The C‐terminal extrahelical peptide of type I collagen and its role in fibrillogenesis in vitro

Abstract The formation in vitro of fibrils from type I acid‐soluble calf skin collagen has been studied before and after removal of the extrahelical peptides with carboxypeptidase and with pepsin. Turbidimetric studies show that the mechanism of fibril growth in undigested collagen is similar to that in pepsin‐digested collagen; following carboxypeptidase digestion, however, a different growth mechanism was apparent. The two mechanisms have been further characterized by electron microscopy. In the course of formation of fibrils from undigested collagen, “early fibrils” (short D ‐periodic fibrils that have both ends visible) occurred in the lag phase under the precipitating conditions employed here. After pepsin or carboxypeptidase digestion of the collagen no “early fibrils” were seen.

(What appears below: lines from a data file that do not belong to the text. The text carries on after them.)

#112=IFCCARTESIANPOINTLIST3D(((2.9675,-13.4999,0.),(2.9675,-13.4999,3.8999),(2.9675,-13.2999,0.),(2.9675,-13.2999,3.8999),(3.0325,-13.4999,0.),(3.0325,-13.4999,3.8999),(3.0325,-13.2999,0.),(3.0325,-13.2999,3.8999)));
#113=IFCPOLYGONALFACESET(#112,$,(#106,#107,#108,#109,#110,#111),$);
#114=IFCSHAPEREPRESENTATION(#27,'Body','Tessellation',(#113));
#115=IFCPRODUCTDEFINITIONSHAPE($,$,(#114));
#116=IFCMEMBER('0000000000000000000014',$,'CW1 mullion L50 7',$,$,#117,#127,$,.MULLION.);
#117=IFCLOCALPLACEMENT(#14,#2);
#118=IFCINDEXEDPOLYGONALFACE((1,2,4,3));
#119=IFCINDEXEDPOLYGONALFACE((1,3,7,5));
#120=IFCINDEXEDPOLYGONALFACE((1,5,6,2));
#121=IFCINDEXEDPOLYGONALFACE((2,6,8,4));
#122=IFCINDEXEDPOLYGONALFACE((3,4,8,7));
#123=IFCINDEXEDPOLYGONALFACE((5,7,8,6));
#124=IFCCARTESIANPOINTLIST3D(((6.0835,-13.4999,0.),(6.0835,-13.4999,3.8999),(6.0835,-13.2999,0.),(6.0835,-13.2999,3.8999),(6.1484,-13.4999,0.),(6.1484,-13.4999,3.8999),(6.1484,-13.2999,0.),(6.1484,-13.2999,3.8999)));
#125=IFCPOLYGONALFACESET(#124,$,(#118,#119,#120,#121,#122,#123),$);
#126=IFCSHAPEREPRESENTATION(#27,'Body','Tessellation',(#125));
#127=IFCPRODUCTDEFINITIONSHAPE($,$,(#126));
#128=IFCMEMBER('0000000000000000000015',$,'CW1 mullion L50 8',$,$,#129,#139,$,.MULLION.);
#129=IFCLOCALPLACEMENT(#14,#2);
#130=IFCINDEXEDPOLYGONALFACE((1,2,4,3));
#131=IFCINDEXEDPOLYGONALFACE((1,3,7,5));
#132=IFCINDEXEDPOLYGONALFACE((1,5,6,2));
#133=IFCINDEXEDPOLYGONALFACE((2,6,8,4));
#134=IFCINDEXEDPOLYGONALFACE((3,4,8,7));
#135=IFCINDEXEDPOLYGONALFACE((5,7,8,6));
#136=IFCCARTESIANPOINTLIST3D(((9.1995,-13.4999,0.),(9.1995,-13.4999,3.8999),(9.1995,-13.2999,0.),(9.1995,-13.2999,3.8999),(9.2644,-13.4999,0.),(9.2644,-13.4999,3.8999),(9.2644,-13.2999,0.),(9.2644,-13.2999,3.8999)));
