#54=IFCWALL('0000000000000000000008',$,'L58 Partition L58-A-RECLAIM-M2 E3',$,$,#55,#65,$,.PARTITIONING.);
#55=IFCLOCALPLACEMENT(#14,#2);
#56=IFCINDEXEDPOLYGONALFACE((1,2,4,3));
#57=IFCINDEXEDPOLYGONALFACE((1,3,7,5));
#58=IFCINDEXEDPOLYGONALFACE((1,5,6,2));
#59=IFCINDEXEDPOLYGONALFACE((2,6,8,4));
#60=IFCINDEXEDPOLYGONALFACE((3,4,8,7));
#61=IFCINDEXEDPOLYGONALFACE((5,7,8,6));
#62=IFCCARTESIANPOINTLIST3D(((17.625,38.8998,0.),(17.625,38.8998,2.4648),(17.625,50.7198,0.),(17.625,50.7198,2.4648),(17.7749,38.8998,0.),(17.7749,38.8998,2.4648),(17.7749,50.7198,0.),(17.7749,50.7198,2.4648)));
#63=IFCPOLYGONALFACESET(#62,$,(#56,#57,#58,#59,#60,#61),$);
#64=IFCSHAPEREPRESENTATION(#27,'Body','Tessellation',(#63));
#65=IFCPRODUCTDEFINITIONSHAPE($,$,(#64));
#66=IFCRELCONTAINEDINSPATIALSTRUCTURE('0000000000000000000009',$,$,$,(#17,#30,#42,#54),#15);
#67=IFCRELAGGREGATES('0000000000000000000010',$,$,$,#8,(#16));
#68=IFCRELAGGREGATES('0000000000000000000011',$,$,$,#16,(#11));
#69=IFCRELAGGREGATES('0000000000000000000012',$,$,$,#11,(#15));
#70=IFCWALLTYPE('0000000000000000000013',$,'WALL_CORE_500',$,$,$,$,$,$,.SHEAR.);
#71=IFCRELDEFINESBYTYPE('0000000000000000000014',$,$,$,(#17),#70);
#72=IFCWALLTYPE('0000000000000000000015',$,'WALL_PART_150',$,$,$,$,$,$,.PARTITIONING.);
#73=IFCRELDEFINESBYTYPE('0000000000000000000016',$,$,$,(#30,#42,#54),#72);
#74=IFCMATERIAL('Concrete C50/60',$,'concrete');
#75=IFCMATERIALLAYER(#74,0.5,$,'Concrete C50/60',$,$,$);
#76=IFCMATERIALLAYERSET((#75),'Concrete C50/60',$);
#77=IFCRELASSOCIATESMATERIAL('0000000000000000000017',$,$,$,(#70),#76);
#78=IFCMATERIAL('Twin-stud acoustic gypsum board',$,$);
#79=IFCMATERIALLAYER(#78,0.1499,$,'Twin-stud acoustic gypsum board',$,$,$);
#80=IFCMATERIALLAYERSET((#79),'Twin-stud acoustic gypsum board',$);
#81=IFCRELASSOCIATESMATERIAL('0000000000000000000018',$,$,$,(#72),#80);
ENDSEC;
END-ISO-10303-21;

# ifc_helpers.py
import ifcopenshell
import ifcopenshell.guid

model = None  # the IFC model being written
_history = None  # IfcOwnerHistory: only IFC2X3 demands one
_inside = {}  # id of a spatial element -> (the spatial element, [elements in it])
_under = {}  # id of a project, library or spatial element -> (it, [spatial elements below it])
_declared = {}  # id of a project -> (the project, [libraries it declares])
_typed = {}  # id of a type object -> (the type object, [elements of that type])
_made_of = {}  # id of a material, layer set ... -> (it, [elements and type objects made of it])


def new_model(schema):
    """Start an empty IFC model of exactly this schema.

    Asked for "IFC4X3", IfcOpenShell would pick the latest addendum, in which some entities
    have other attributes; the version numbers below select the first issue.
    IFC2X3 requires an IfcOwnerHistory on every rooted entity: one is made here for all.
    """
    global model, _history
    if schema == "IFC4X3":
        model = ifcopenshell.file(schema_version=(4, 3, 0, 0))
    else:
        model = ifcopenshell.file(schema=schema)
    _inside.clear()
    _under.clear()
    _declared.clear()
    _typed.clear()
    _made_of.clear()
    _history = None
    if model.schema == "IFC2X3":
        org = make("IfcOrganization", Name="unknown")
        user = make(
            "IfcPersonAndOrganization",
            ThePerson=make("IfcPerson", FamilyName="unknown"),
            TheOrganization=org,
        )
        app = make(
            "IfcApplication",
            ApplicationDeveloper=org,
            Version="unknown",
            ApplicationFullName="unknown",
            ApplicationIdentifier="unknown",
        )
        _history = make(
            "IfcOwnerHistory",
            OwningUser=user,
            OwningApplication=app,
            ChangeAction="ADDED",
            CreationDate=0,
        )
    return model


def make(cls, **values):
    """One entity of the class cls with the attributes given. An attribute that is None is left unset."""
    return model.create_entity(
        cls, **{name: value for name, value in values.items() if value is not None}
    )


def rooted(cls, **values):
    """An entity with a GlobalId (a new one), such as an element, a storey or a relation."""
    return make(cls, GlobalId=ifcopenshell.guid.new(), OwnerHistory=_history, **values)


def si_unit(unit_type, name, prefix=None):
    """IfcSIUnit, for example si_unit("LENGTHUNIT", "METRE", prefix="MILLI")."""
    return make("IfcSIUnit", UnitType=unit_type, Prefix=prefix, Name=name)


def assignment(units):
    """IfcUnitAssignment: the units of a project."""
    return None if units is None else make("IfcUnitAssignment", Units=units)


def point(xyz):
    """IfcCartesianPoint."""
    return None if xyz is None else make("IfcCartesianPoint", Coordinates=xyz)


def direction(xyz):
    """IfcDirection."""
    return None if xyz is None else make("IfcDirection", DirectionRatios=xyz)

In carboxypeptidase‐digested collagen, lateral assembly was inhibited; after pepsin digestion, linear assembly was inhibited. Complete removal of the extrahelical peptides prevented fibril formation under the conditions used here. Electron‐optical examination of segment‐long‐spacing (SLS) dimers established a more complete removal of the C‐terminal peptide after carboxypeptidase digestion than after pepsin digestion. Analyses of staining patterns of SLS dimers and fibrils from undigested and digested samples showed that the C‐terminal peptide in SLS crystallites and fibrils formed from undigested collagen is in a condensed conformation. A proposed conformation, in which condensation occurs predominantly in a hydrophobic region at the proximal end of the C‐terminal peptide, is discussed in terms of a dual role for the C‐terminal peptide in fibrillogenesis. One role, shared with the N‐terminal peptide, is to participate in interactions between the 4 D ‐staggered molecules leading to the formation of linear aggregates; the other is to participate in interactions between these linear aggregates giving rise to D ‐periodic aggregates and lateral (as well as linear) growth.